Rebuilding Place in the Urban Space

"A community’s physical form, rather than its land uses, is its most intrinsic and enduring characteristic." [Katz, EPA] This blog focuses on place and placemaking and all that makes it work--historic preservation, urban design, transportation, asset-based community development, arts & cultural development, commercial district revitalization, tourism & destination development, and quality of life advocacy--along with doses of civic engagement and good governance watchdogging.

Tuesday, August 09, 2005

Is it possible to get people to shop at malls and traditional shopping districts in the same trip?

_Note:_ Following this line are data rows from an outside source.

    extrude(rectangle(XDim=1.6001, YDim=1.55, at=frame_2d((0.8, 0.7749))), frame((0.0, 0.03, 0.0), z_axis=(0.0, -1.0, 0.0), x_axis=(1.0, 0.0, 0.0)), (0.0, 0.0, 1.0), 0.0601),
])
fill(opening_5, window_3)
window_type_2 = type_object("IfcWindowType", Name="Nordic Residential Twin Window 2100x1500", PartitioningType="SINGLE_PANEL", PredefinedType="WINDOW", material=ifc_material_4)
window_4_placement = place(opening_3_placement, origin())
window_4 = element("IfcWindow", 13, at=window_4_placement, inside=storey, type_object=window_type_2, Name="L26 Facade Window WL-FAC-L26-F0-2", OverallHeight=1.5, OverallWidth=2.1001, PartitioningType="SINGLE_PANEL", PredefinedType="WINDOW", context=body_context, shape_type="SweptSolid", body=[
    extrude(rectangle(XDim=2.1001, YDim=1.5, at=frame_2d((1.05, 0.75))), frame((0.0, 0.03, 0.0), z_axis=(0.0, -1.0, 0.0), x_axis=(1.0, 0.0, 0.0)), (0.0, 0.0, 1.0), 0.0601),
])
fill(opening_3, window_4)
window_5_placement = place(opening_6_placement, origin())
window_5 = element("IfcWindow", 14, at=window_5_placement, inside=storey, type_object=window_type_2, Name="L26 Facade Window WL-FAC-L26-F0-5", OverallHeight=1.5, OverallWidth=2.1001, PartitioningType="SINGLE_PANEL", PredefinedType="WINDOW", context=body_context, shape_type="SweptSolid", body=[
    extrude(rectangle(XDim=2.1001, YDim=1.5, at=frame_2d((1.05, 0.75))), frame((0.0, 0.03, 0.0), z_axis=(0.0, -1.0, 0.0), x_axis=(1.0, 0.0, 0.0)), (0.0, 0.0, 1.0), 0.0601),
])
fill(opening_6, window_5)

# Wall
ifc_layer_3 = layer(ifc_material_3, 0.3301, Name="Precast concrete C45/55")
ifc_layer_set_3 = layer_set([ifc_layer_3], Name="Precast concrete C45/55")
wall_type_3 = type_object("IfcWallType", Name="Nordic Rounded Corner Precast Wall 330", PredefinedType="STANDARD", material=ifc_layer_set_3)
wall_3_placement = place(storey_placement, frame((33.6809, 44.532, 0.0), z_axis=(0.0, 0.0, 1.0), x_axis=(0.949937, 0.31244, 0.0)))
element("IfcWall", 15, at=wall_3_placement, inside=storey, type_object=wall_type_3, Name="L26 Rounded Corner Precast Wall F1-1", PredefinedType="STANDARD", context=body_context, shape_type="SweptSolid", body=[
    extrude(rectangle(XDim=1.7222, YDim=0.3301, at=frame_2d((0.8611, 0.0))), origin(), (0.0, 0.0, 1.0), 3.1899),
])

This is relevant to Columbia Heights with the coming of Target, Bed, Bath and Beyond, etc. In "Georgetown's trolley that could?; With retail center coming, city backs idea of shuttling shoppers to its historic square," the Austin American-Statesman reports that:

This November, a San Francisco-style trolley will ferry consumers already laden with purchases from a Georgetown retail complex to another shopping adventure downtown. At least, that's what city officials hope for as they plan a free trolley that will move people the mile-long distance between the new Wolf Ranch shopping complex along Interstate 35 and the historic downtown square.

With its boutiques and restaurants in stone buildings surrounding the historic county courthouse, the square long has been considered the locus of Georgetown's identity. City leaders and business owners hope that identity can be sustained in the face of new retail development west of the interstate. But right now, the trolley idea is long on vision and short on specifics: There's no route, no schedule and no contract. Organizers don't know how many people will ride, or even whether Wolf Ranch shoppers would be willing to abandon their cars to take a short bus trip to downtown Georgetown.

"I'm definitely not saying it's not going to be a challenge to get Texans out of their cars," said Shelly Hargrove, Georgetown Main Street manager and director of the city's Convention and Visitors Bureau. "I'm hoping people will try it just for the novelty and convenience." In July, the City Council approved spending up to $56,000 for the trolley -- half of the service's annual cost. The rest, city officials hope, will come from Simon Property Group Inc., which is developing Wolf Ranch, and other groups, like the Georgetown Chamber of Commerce.

Officials at Simon Property Group said they support the trolley as a connection between two complementary, not competing, shopping districts. "It's never been our desire to pull business away from downtown," said Barbara Barnes, regional property manager for Simon, who added that Simon has agreed in principle to help pay for the trolley.

To that end, Simon erected signs over vacant storefronts in Wolf Ranch that urge shoppers to "Visit Historic Downtown Georgetown." Later this year, a Georgetown visitor's center will open in the mall. Still, no one is sure how successful the tie-in will be. Council Member Farley Snell said when the council approved Wolf Ranch in 2003, he and other council members were concerned that it could have an adverse effect on downtown merchants.

If you offer it will they come?

bus.jpg Photo from the Georgetown Hoya Newspaper.

My sense is that the customer demographics vary significantly between the traditional shopping district in Georgetown, Texas and the coming mall. The shuttle in the "other Georgetown" in DC appears to work, but it's not shuttling people from the equivalent of Tyson's Corner, and it's well connected to transit (connecting to the Dupont Circle, Rosslyn, and Foggy Bottom subway stations).

GRAPHIC SOLUTIONS Environmental Graphics.jpgMarketing is key like this example from Graphic Solutions, which created a nice identity system for a downtown shuttle bus system.

I like the Visitors Center idea at the mall, although it has to be done well. It would be nice for there to be a local DC heritage visitor center in Union Station.